In this repo, we present a *Policy format*, which enables the specification of policies. Coupled with these policies, we have multiple tools to enable synthetic data generation for model alignment, testing and for policy enforcement and verification at runtime. The end goal is to enable policy compliance.
How is the repo organized?
The [*policy schema*](./policy_schema/) shows the proposed format of the policy. Policy schemas and groups are organized in versions with numbers such as v.1.0. Policies with numbers such as 0.1 or 1.2 are intermediate policies.
The first folder includes the version of the policy specification. Inside the policy version:
- Each YAML file contains the specification of a risk category.
- Inside the file, there may be multiple leaf nodes.
- An overview of some sample policies and visualization script outputs can be found [here](./outputs).
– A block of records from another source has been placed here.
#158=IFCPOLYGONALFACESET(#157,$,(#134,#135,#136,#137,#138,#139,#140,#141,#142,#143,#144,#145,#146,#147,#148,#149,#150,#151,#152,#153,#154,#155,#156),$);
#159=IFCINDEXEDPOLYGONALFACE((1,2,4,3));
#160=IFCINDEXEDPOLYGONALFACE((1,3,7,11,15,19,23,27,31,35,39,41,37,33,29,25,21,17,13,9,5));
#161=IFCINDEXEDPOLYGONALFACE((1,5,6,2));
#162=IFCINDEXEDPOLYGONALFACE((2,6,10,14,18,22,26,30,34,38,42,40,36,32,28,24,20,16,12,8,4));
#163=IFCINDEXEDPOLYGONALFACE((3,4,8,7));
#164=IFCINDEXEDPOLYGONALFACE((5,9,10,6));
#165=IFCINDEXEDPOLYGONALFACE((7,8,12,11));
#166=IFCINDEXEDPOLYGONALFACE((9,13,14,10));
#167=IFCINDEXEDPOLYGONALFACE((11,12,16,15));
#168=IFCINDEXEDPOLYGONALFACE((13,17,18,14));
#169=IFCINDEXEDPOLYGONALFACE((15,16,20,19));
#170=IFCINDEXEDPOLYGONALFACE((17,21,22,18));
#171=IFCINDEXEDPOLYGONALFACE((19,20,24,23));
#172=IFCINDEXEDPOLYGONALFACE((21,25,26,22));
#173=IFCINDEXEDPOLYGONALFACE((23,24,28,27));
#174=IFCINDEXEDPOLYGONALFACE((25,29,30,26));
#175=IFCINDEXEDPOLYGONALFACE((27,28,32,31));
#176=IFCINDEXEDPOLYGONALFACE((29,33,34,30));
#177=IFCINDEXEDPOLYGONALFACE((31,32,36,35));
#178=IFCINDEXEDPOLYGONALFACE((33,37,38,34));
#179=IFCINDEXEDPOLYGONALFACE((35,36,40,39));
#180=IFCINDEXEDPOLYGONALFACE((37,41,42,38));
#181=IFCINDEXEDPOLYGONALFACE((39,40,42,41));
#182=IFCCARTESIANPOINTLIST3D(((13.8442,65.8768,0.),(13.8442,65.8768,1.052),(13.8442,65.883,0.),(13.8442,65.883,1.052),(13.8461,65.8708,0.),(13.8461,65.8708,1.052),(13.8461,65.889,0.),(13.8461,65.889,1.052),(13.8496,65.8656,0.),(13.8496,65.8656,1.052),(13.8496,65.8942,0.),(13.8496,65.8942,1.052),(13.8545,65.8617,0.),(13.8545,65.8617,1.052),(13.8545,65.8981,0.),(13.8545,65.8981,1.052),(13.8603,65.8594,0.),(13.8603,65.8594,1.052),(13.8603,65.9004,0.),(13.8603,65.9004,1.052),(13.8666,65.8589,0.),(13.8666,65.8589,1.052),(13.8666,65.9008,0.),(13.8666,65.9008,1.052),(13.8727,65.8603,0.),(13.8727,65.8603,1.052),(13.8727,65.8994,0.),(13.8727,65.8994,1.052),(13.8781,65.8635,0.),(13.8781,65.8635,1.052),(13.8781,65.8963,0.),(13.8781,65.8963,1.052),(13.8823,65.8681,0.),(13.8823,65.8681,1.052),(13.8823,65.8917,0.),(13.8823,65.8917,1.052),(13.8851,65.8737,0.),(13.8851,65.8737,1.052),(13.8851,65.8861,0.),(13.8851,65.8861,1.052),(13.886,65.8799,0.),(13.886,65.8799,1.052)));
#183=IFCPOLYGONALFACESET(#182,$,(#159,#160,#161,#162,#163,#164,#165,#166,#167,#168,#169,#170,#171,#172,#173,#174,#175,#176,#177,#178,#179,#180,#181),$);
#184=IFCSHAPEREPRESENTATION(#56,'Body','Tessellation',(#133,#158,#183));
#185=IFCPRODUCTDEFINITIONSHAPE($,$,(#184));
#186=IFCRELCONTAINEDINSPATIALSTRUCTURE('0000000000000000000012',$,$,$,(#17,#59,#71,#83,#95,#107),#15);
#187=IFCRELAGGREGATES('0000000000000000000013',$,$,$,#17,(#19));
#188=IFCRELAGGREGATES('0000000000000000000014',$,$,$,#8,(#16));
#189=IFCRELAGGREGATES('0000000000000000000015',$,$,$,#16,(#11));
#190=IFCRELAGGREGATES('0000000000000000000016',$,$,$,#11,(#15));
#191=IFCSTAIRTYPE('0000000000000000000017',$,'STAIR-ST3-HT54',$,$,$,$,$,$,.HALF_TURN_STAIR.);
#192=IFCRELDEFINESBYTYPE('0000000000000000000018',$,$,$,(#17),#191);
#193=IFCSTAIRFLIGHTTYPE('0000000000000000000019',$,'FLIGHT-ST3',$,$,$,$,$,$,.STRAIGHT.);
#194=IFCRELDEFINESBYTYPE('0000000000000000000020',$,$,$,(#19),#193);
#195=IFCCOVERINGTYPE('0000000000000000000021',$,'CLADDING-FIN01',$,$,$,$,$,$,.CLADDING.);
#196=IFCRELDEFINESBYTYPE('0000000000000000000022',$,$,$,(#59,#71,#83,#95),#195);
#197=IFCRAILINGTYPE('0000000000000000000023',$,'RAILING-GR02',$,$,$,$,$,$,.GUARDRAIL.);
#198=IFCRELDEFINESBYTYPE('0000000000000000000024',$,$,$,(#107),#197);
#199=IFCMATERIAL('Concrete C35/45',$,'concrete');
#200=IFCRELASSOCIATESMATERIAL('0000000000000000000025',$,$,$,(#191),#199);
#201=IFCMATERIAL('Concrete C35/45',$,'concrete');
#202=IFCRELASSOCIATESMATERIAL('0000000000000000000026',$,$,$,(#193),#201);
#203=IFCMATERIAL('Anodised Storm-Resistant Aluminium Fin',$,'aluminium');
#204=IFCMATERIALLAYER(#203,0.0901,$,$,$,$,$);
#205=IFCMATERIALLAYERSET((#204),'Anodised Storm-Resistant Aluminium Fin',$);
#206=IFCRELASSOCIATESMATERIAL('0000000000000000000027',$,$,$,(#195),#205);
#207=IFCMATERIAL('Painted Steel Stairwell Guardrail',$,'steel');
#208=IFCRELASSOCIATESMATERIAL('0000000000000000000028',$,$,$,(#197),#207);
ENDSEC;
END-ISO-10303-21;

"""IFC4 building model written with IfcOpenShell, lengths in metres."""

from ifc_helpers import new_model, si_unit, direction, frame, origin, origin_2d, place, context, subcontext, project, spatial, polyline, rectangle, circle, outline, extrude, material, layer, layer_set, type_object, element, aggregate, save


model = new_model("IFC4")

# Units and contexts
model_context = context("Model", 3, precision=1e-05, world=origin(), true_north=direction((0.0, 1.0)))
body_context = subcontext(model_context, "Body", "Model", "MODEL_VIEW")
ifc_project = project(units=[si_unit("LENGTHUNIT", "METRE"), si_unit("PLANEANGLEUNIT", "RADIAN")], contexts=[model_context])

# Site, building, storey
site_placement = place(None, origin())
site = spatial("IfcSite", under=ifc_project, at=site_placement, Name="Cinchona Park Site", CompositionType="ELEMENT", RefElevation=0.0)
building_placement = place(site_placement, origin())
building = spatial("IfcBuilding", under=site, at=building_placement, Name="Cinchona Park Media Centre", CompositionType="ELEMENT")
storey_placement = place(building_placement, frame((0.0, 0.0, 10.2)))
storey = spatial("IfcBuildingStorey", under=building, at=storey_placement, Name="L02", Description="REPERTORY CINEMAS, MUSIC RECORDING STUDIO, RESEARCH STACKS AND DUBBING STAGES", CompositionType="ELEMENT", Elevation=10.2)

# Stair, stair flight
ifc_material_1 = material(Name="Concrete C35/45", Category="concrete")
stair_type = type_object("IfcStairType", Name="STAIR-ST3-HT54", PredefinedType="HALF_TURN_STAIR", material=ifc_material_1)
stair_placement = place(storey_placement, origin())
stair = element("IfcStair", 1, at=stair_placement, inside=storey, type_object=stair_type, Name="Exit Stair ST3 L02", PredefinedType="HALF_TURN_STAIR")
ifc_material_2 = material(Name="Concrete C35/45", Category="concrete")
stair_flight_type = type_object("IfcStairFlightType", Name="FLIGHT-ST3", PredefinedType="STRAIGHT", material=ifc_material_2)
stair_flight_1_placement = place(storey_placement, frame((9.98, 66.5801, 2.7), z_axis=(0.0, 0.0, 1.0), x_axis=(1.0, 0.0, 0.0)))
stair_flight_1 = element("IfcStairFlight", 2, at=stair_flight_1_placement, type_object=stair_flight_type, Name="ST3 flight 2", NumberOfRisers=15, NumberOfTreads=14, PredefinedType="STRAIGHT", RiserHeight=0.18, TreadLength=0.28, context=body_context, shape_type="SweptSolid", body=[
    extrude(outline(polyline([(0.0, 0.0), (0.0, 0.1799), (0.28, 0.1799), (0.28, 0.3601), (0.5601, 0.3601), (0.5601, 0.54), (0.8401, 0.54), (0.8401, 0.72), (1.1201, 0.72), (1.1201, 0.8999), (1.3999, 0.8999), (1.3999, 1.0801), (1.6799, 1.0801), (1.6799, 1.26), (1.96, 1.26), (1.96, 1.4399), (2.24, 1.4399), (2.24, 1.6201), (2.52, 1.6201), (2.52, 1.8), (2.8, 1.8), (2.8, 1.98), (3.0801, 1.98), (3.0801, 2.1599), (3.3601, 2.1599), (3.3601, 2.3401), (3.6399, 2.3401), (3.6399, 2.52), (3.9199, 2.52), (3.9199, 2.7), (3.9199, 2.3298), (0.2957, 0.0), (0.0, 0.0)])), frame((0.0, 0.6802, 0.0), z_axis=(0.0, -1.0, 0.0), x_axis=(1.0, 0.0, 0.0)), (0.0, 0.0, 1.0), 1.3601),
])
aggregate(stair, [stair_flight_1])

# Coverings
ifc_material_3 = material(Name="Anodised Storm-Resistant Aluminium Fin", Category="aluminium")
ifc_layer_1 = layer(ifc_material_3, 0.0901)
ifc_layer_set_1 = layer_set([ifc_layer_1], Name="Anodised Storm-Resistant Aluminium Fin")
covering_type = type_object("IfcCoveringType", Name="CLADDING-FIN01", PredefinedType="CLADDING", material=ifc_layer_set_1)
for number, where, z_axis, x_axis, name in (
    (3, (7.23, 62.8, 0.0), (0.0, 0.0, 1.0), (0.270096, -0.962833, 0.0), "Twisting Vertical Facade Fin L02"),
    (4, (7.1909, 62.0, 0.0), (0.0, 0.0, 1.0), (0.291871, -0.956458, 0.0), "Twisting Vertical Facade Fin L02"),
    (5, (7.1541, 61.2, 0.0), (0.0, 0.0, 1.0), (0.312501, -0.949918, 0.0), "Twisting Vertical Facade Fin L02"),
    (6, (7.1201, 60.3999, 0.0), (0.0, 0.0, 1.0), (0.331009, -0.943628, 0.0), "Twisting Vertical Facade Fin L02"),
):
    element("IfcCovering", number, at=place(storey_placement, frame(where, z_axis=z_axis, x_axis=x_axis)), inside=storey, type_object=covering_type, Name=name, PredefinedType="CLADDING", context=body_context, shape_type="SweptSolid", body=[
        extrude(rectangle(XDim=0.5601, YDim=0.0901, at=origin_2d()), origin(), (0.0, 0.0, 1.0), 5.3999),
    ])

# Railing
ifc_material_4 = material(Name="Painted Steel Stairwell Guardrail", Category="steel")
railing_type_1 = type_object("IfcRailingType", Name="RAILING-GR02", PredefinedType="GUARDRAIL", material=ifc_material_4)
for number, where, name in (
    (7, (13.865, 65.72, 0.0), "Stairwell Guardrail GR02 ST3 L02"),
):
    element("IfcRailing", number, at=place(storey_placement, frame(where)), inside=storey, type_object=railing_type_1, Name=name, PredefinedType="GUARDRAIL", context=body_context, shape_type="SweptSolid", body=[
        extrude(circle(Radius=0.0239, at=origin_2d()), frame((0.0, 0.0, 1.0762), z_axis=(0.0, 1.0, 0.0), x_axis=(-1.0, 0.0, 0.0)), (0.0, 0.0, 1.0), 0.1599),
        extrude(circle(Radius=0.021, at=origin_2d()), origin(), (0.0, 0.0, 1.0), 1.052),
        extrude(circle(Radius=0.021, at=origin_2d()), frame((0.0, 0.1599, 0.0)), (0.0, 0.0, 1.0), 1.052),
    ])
In addition to policies, you can also find a set of [tutorials](./notebooks/README.md) and [scripts](./scripts/).
Contribution Policy
We welcome contributions by the community. To do so, please open a PR with the proposal. Please adhere to the conduct guidelines of this repository.
Questions or feedback?
Remember, this repository only contains *sample* policies. This repository's objective is to define and maintain a sharable *policy schema* that helps the community create tools to visualize, enforce and verify any policy. Please open a GitHub issue with any questions or feedback.
Code of conduct
Please see [CONTRIBUTING.md](CONTRIBUTING.md) for our code of conduct and contribution guidelines.
Cite this work
If you use this work in your research, please cite:
@misc{genai-policy-tools,
title={Granite.Trust Policy Tools: Shareable, Actionable Policies for Generative AI Applications},
publisher={IBM Research},
author={Nathalie Baracaldo, Nicolas Mello, Kush R. Varshney, Heiko Ludwig, Kate Soule, David Cox}
year={2026},
url={https://github.com/ibm-granite/granite.trust.policy-tools}
}You can find our report: [here](./docs/Granite-Trust-Policy-Tools.pdf)
Disclaimer
This is not an IBM product. IBM doesn’t endorse the sample policies in this repository.